Important!! Robots.txt gone wrong!
We use AWS cloud to host ecommerce stores that scale with traffic.
Problem statement
Recently we noticed that we had high traffic on our servers and servers were Autoscaling to match the traffic. Upon inspection we found, traffic was from GoogleBot. We looked at the URL’s and realized, GoogleBot was trying to access same category page urls with different filters. This should not happen unless you allow everything in Robots.txt
And there it is, Robots allows everything for GoogleBot
Such a rule becomes problematic in following situation.
Consider following Product Listing page for Hugo Boss perfume category.

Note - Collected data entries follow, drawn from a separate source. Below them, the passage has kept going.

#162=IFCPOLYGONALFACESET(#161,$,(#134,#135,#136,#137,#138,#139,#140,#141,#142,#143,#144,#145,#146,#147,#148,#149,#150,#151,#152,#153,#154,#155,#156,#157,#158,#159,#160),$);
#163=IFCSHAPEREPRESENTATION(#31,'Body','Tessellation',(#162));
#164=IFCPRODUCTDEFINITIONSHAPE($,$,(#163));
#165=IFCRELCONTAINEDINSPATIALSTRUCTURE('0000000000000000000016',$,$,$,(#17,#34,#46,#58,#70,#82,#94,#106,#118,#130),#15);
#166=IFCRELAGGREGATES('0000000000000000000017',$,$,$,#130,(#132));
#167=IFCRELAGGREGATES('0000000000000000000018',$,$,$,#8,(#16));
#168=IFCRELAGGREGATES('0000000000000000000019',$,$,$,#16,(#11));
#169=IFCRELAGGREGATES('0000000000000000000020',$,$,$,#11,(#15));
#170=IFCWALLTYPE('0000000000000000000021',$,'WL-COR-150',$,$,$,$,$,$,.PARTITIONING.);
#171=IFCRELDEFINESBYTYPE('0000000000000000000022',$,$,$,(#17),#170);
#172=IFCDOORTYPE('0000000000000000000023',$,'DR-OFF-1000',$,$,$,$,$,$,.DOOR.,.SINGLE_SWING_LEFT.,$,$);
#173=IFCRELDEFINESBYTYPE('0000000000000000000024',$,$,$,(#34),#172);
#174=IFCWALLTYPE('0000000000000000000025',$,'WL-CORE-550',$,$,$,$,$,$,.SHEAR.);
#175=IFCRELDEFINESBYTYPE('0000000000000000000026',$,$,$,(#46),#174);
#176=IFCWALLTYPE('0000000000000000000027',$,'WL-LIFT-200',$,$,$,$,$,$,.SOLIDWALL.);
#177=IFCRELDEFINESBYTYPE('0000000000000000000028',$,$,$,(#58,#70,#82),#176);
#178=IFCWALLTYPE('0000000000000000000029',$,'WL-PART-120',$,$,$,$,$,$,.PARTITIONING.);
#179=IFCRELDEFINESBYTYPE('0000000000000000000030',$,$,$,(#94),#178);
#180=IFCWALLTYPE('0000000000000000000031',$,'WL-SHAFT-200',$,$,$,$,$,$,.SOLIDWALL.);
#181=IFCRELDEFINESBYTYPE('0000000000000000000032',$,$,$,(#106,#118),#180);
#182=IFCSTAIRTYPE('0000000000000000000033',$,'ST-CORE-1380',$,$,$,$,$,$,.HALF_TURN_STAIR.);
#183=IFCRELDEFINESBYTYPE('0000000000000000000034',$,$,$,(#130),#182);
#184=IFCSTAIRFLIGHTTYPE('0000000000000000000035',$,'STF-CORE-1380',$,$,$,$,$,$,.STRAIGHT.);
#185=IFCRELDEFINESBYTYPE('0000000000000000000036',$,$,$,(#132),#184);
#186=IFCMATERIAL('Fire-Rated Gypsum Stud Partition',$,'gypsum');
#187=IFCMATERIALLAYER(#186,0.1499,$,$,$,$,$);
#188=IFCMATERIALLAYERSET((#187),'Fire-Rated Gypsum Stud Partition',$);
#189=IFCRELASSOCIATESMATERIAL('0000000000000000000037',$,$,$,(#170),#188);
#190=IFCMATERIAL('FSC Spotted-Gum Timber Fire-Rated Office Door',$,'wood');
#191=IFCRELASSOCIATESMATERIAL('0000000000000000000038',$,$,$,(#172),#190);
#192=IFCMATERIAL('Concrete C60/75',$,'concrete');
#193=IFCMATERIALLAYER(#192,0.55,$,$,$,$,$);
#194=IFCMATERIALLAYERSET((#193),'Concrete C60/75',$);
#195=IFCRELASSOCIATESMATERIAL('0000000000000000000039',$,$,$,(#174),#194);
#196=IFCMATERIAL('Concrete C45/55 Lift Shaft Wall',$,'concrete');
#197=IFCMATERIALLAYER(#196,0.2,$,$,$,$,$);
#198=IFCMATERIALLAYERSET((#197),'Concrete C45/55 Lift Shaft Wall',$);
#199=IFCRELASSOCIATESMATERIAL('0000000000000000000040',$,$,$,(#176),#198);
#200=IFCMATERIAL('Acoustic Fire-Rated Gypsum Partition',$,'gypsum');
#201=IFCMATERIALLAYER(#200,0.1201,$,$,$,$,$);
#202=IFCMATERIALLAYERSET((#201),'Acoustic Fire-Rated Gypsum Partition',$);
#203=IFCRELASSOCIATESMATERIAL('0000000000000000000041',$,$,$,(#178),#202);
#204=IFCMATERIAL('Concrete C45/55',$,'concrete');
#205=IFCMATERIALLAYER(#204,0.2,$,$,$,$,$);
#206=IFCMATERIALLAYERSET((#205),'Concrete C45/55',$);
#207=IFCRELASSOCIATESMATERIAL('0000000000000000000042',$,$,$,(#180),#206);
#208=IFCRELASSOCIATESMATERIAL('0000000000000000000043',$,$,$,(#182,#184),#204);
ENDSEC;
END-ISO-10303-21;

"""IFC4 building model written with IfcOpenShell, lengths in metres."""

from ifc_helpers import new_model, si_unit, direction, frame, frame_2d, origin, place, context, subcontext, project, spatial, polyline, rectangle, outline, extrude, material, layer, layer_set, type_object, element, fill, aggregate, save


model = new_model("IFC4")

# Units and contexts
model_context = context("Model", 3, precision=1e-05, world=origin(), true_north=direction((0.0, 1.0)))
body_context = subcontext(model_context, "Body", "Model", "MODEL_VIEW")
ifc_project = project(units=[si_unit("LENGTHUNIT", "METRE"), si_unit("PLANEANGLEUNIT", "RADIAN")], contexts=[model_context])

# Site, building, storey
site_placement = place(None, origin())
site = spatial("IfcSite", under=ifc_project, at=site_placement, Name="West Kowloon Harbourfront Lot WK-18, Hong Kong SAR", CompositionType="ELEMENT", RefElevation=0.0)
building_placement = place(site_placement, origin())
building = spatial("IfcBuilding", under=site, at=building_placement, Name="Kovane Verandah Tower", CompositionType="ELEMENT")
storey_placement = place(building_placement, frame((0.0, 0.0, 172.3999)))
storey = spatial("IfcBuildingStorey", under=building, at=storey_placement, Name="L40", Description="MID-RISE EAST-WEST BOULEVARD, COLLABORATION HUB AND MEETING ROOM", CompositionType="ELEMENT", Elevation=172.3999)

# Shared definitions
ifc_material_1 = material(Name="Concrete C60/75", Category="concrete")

As you can see we have size filters.
These swatches are links. Clicking on any swatch results in going to a link of format
perfumewebsite.com/hugo-boss.html?size=30ML&size=40ML
perfumewebsite.com/hugo-boss.html?size=40ML&size=30ML
…… and so on.
Crawlers go to a link and then crawl links found on the new page. In this case, crawler will go on 30ML swatch and then it would see other swatches.
This can lead to more than 3628800 url being crawled for 10 swatches. We confirmed this find by going to Google Search Console -> Crawler stats section.
This harms the website in 3 ways
- Google has to crawl more URL’s, which hurts website’s crawl budget.
- These filter requests are not served from page cache so they land directly on server and generate load on origin server. This affects actual customer experience. And you have to pay more for the compute.
- You will be charged higher for using more network bandwidth (because you are serving more requests).
How to fix it?
Update the robot txt and remove a rule like
User-agent: Googlebot
Disallow:
User-agent: Googlebot-image
Disallow:
Make sure you are not googlebot is not crawling URL’s that you don’t want it to. Check Crawler stats in Google search console and mind crawl budget.